Reading Online Novel

Drops of Gold(40)



“She can chatter on at times.” Mary laughed lightly. “That is just Caroline.”

“No, Mary.” Layton shook his head. “It is a miracle. A miracle.” The last word he whispered, his own astonishment at the change in his daughter nearly undoing him. He lifted her hand to his lips and kissed her fingers almost reverently.

“Sir?”

“No,” he objected, voice low, her fingers mere inches from his lips. “Do not ‘sir’ me to death tonight, Mary. You are a guest this evening.” He held her hand still, astoundingly reluctant to let it go.

“Guest or not, I shall have to ‘sir’ you, as you call it, once your family has arrived. It would be highly improper to do otherwise.” A tender smile touched Mary’s face.

How he longed to hold her to him in that moment, to plead with her to look at him that way always. Her soft reminder, however, put things back in their places, brought back memories of failure he had no desire to relive.

Layton released her hand. “Forgive me, Miss Wood.” He hoped his disappointment was not too obvious. He was, after all, in the wrong, the one encroaching and pushing the bounds of propriety.

She opened her mouth as if to speak. What she meant to say, he would never know. Caroline’s shouts of “They’re here, Papa!” rang through the room, and the moment was lost.

“Count to five, Caroline,” Mary instructed quietly.

Caroline stopped on the spot, her lips moving silently as she transformed before his very eyes from a shouting, jumping child to a calm, demure young girl. He was pleased to see her smile hadn’t faded and even more pleased to see Mary’s smile had grown as she watched Caroline. Smiles hadn’t come so easily at the Meadows since Bridget had left them. Sanders stepped inside the room, his usual look of pomposity firmly fixed on his face. Why Sanders’s stuffy posturing should suddenly bother him, Layton couldn’t say. The butler cleared his throat and announced, his voice full of self-importance, “The Right Honorable the Earl of Lampton. The Right Honorable the Countess of Lampton. The Honorable Captain Stanley Jonquil.”

Layton managed not to roll his eyes. Why must Sanders announce Layton’s own family as if they were visiting nobility? They were visiting, and they were nobility, but it was still ridiculous.

The new arrivals all filed in as Sanders completed his overblown announcement. Stanley, as Layton could have predicted, barely hid a smile at the pompousness of their arrival. Layton had to admit his younger brother cut quite a dash in his blue Dragoon’s uniform. With his arm almost completely healed and much of the pallor he’d borne the past months gone, he looked like a healthy twenty-two-year-old again.
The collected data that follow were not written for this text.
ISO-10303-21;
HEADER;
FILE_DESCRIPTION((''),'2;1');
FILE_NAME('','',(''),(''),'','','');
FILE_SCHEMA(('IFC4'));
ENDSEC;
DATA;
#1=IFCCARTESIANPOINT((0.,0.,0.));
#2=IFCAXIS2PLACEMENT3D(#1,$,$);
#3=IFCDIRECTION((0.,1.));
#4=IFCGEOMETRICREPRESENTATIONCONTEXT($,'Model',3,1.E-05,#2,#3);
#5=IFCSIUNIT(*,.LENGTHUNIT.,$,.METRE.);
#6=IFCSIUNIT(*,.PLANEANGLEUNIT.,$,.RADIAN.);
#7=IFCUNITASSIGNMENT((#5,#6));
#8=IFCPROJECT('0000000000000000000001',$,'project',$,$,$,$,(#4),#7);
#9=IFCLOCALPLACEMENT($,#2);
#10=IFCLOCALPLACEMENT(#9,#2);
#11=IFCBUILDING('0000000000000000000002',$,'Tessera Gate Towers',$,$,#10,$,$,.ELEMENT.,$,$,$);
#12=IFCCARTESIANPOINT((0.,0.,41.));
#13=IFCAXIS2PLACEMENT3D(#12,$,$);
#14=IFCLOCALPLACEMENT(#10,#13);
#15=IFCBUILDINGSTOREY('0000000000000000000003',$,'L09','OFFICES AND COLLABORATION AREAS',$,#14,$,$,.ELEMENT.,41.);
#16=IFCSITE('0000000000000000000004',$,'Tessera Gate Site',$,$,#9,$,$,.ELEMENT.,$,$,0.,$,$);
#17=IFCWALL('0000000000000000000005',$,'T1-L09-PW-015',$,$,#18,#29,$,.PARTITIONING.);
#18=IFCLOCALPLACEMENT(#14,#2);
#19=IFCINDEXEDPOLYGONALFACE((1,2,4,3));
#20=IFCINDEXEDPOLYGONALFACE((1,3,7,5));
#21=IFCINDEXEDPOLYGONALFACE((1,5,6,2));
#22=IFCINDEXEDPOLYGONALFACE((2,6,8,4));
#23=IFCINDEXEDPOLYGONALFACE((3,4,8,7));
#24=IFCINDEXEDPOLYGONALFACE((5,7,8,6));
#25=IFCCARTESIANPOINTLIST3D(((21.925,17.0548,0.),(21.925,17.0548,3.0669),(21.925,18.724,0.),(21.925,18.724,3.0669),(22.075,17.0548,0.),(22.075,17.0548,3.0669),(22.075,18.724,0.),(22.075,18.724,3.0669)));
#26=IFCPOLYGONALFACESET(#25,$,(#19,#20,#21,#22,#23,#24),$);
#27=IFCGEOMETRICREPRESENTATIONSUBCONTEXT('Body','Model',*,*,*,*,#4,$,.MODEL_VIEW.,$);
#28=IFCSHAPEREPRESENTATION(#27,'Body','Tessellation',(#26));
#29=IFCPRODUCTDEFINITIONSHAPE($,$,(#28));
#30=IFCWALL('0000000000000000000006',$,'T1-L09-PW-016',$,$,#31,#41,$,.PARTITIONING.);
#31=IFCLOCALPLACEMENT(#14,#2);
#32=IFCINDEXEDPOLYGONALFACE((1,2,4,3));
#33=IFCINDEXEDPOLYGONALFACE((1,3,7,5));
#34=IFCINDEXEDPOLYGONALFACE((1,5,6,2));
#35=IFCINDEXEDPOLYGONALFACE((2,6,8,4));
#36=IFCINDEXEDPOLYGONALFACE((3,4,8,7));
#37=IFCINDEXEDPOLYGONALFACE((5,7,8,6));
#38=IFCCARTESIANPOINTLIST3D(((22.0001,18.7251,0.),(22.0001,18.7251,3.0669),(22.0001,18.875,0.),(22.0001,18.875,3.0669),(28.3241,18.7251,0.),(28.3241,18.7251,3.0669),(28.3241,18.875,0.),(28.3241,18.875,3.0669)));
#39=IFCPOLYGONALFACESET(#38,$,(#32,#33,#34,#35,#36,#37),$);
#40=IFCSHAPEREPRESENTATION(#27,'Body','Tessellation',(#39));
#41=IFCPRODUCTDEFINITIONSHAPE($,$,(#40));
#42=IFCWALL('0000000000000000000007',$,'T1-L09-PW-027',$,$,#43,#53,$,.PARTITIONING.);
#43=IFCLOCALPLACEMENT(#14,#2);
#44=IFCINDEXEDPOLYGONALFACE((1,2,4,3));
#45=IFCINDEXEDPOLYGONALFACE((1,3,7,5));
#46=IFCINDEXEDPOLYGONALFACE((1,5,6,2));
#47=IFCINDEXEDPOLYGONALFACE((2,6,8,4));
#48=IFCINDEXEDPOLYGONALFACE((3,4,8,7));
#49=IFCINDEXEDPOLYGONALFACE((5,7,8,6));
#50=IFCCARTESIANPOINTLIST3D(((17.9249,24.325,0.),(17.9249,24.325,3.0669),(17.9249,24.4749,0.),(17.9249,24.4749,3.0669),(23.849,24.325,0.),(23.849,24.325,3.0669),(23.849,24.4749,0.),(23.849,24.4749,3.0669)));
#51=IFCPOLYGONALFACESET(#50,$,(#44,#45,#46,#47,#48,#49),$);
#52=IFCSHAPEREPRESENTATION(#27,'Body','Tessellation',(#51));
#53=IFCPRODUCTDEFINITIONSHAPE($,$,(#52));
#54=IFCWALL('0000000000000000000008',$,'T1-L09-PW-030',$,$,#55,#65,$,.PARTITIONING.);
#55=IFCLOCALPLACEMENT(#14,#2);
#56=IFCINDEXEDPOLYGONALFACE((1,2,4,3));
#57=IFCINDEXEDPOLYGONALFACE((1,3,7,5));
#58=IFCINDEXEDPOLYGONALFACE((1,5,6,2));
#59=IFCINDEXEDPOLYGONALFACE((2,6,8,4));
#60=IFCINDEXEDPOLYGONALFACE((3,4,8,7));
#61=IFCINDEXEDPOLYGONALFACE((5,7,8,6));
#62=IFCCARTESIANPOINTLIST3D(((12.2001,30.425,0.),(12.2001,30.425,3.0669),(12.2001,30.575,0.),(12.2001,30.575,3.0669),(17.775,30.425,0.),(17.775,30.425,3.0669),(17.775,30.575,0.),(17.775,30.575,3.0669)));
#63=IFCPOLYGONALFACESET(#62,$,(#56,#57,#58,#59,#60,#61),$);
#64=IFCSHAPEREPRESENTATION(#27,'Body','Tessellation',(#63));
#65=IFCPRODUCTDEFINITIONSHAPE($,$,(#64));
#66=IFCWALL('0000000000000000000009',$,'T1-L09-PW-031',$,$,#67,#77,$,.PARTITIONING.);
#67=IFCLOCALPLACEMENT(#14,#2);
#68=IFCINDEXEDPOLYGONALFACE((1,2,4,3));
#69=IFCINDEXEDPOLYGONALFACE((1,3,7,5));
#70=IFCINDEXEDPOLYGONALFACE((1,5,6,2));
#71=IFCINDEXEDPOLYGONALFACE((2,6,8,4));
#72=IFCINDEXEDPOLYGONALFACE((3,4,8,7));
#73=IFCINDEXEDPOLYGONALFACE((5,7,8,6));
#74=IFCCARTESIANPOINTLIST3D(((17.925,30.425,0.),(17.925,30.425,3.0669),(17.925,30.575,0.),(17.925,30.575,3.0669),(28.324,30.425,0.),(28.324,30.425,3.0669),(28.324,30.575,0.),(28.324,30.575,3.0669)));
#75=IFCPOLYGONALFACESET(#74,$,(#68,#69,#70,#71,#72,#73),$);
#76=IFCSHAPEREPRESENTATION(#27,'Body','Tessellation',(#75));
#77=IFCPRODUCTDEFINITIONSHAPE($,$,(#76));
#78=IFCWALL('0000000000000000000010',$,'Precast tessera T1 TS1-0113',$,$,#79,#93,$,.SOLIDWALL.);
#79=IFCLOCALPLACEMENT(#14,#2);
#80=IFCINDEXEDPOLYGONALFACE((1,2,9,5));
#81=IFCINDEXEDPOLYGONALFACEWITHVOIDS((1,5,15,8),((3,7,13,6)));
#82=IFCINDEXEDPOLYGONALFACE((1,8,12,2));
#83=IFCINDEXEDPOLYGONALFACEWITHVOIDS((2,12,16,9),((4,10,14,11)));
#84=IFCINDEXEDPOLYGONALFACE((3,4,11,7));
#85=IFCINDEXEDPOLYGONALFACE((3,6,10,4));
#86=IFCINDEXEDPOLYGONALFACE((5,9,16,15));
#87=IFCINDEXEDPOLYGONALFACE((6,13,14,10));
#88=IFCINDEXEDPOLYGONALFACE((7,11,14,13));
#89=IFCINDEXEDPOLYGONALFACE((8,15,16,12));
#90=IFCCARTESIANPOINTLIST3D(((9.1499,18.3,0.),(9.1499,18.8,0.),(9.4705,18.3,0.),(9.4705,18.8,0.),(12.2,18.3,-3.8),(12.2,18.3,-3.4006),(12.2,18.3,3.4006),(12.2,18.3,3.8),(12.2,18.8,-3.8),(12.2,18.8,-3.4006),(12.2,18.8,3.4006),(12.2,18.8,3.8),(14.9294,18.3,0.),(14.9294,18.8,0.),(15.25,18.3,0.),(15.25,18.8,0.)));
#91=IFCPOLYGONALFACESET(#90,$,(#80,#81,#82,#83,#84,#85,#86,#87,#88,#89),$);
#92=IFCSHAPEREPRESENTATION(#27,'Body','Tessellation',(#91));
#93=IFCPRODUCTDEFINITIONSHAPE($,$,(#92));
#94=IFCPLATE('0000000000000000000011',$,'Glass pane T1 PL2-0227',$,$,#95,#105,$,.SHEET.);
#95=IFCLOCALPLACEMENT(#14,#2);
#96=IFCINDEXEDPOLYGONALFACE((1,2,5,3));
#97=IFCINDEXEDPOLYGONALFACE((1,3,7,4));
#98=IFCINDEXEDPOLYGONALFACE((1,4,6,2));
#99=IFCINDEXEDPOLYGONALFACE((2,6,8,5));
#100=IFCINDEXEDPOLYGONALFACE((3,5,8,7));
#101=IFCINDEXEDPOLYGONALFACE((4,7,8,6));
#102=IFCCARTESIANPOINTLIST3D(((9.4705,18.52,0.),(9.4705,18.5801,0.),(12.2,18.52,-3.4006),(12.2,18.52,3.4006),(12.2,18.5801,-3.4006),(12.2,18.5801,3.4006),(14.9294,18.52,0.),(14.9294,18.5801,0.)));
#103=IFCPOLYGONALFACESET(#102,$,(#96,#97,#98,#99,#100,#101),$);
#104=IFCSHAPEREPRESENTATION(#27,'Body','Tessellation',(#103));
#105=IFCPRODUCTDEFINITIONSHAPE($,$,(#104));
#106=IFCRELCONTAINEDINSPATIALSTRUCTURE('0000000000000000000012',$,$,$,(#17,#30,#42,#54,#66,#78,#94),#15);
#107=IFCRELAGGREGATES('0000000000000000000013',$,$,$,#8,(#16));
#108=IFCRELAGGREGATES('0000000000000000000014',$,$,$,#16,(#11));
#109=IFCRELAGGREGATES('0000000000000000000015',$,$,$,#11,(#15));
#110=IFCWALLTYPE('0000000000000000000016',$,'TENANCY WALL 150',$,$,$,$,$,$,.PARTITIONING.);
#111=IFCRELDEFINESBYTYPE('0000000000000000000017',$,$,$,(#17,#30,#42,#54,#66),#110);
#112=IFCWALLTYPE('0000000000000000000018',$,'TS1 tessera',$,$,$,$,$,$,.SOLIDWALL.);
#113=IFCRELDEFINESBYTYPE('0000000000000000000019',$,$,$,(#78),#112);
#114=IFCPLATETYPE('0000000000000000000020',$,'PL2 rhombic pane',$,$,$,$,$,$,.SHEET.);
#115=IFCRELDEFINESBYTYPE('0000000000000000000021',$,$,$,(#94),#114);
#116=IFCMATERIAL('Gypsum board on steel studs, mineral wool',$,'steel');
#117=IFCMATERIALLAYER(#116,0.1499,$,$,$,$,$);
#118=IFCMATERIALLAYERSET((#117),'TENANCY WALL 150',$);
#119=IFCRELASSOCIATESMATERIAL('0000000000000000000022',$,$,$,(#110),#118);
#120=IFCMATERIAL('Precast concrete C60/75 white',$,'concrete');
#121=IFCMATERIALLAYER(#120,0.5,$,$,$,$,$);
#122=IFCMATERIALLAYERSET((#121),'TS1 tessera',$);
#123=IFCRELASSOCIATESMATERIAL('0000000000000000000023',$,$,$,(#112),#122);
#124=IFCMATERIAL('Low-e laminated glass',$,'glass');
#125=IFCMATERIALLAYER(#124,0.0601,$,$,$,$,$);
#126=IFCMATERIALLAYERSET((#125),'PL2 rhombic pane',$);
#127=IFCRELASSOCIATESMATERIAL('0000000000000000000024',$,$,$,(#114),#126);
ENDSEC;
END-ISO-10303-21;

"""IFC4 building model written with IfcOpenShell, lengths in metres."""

from ifc_helpers import new_model, si_unit, direction, frame, frame_2d, origin, place, context, subcontext, project, spatial, polyline, rectangle, outline, extrude, source, transform, mapped, material, layer, layer_set, type_object, element, fill, save


model = new_model("IFC4")

# Units and contexts
model_context = context("Model", 3, precision=1e-05, world=origin(), true_north=direction((0.0, 1.0)))
body_context = subcontext(model_context, "Body", "Model", "MODEL_VIEW")
ifc_project = project(units=[si_unit("LENGTHUNIT", "METRE"), si_unit("PLANEANGLEUNIT", "RADIAN")], contexts=[model_context])

# Site, building, storey
site_placement = place(None, origin())
site = spatial("IfcSite", under=ifc_project, at=site_placement, Name="Tessera Gate Site", CompositionType="ELEMENT", RefElevation=0.0)
building_placement = place(site_placement, origin())
building = spatial("IfcBuilding", under=site, at=building_placement, Name="Tessera Gate Towers", CompositionType="ELEMENT")
storey_placement = place(building_placement, frame((0.0, 0.0, 41.0)))
storey = spatial("IfcBuildingStorey", under=building, at=storey_placement, Name="L09", Description="OFFICES AND COLLABORATION AREAS", CompositionType="ELEMENT", Elevation=41.0)

# Walls
ifc_material_1 = material(Name="Gypsum board on steel studs, mineral wool", Category="steel")
ifc_layer_1 = layer(ifc_material_1, 0.1499)
ifc_layer_set_1 = layer_set([ifc_layer_1], Name="TENANCY WALL 150")
wall_type_1 = type_object("IfcWallType", Name="TENANCY WALL 150", PredefinedType="PARTITIONING", material=ifc_layer_set_1)
wall_1_placement = place(storey_placement, frame((22.0, 17.0549, 0.0), z_axis=(0.0, 0.0, 1.0), x_axis=(0.0, 1.0, 0.0)))
element("IfcWall", 1, at=wall_1_placement, inside=storey, type_object=wall_type_1, Name="T1-L09-PW-015", PredefinedType="PARTITIONING", context=body_context, shape_type="SweptSolid", body=[
    extrude(rectangle(XDim=1.6692, YDim=0.1499, at=frame_2d((0.8345, 0.0))), origin(), (0.0, 0.0, 1.0), 3.0669),
])
wall_2_placement = place(storey_placement, frame((22.0, 18.8, 0.0), z_axis=(0.0, 0.0, 1.0), x_axis=(1.0, 0.0, 0.0)))
element("IfcWall", 2, at=wall_2_placement, inside=storey, type_object=wall_type_1, Name="T1-L09-PW-016", PredefinedType="PARTITIONING", context=body_context, shape_type="SweptSolid", body=[
    extrude(rectangle(XDim=6.324, YDim=0.1499, at=frame_2d((3.1621, 0.0))), origin(), (0.0, 0.0, 1.0), 3.0669),
])
wall_3_placement = place(storey_placement, frame((17.925, 24.3999, 0.0), z_axis=(0.0, 0.0, 1.0), x_axis=(1.0, 0.0, 0.0)))
element("IfcWall", 3, at=wall_3_placement, inside=storey, type_object=wall_type_1, Name="T1-L09-PW-027", PredefinedType="PARTITIONING", context=body_context, shape_type="SweptSolid", body=[
    extrude(rectangle(XDim=5.9241, YDim=0.1499, at=frame_2d((2.9619, 0.0))), origin(), (0.0, 0.0, 1.0), 3.0669),
])
wall_4_placement = place(storey_placement, frame((12.2, 30.5, 0.0), z_axis=(0.0, 0.0, 1.0), x_axis=(1.0, 0.0, 0.0)))
element("IfcWall", 4, at=wall_4_placement, inside=storey, type_object=wall_type_1, Name="T1-L09-PW-030", PredefinedType="PARTITIONING", context=body_context, shape_type="SweptSolid", body=[
    extrude(rectangle(XDim=5.575, YDim=0.1499, at=frame_2d((2.7876, 0.0))), origin(), (0.0, 0.0, 1.0), 3.0669),
])
wall_5_placement = place(storey_placement, frame((17.925, 30.5, 0.0), z_axis=(0.0, 0.0, 1.0), x_axis=(1.0, 0.0, 0.0)))
element("IfcWall", 5, at=wall_5_placement, inside=storey, type_object=wall_type_1, Name="T1-L09-PW-031", PredefinedType="PARTITIONING", context=body_context, shape_type="SweptSolid", body=[
    extrude(rectangle(XDim=10.3989, YDim=0.1499, at=frame_2d((5.1995, 0.0))), origin(), (0.0, 0.0, 1.0), 3.0669),
])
Mater wore her customary black. Her face, as always, was lit in a broad smile, her eyes twinkling merrily. Her smile broadened when she looked at Caroline and softened when she turned to Layton. She sat on a sofa, looking entirely satisfied with life. She nearly always looked that way.

Philip’s appearance made Layton shake his head. Absurd was the best word for it. Philip was considered an out-and-out dandy: bright colors, affected drawl, an excessive number of fobs on his watch chain, quizzing glass ever at hand, and a certain air of careless stupidity. It was truly absurd. Philip was probably the most intelligent person Layton knew and was at times serious to a fault. The charade had begun the year Layton and Bridget had married, and Philip hadn’t dropped it yet.
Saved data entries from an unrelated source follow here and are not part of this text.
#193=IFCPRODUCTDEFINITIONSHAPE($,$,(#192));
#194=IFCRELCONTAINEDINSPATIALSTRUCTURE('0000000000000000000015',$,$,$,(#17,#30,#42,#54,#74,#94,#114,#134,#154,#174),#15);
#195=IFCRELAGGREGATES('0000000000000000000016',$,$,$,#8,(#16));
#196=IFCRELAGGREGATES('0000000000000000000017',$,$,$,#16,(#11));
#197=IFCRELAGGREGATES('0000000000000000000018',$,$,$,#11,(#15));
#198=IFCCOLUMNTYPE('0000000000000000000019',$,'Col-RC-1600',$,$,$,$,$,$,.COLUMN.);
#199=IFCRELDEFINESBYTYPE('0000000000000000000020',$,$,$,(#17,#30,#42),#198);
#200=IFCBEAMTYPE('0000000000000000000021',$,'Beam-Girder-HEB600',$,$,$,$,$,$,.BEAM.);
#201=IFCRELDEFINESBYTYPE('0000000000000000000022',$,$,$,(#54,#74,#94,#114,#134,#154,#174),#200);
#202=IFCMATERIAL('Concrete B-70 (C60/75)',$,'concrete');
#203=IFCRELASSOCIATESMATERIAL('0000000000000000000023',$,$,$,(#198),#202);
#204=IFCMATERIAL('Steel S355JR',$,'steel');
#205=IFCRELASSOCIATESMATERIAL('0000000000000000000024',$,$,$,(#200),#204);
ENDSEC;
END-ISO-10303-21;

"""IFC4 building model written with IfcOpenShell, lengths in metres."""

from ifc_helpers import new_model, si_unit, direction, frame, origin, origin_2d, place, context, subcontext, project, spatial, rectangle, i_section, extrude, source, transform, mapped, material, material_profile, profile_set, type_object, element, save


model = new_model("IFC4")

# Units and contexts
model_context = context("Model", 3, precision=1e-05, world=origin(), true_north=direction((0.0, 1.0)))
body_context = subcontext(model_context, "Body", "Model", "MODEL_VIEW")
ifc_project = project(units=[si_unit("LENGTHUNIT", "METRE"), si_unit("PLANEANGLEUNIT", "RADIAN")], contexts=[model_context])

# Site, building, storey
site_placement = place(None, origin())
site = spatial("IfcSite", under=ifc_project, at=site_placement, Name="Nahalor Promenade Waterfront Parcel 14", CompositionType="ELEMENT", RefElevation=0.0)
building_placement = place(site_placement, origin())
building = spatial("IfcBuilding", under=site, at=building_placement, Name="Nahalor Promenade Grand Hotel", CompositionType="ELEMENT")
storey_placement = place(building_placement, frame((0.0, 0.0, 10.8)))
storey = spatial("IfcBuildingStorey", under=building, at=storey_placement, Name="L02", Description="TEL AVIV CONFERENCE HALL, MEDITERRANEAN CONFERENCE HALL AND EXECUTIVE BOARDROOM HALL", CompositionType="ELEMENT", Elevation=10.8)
“Welcome to Farland Meadows, Lord and Lady Lampton, Captain Jonquil,” Caroline said in a tone of voice that told Layton in an instant she’d spent some time memorizing her little speech. She curtsied quite perfectly.

That golden eyebrow of Philip’s arched in surprised amusement. “Miss Jonquil.” He executed a flourishing bow, which set Caroline to giggling.

“Oh, Flip!” She laughed. “You bow almost as good as Mary!”

Philip pressed his hand to his heart as if wounded. “Almost as well as Mary? Almost? And who, I must ask, is this Mary, whose bows so far outshine my apparently paltry efforts?”

“He’s silly like you, Papa!” Caroline flashed an enormous smile at Layton that melted his heart in an instant.

“Yes, dear.” Layton smiled back. “Your uncle Flip is excessively silly.”

“I should call you out for that, young man.” Philip eyed Layton through his quizzing glass. “Silly, indeed.”

“No, no, Uncle Flip.” Caroline looked up at Philip. She popped her fisted hands onto her hips, elbows jutted out as if ready to read him a deep scold. “Papa is supposed to call you out. But only if you give me a handkerchief and tell me to keep it because you think I’m a beautiful, very grown-up girl. But you only say that after I tell you I will clean all my junk off it and give it back to you. You say you don’t want it back even with all the junk scraped off.”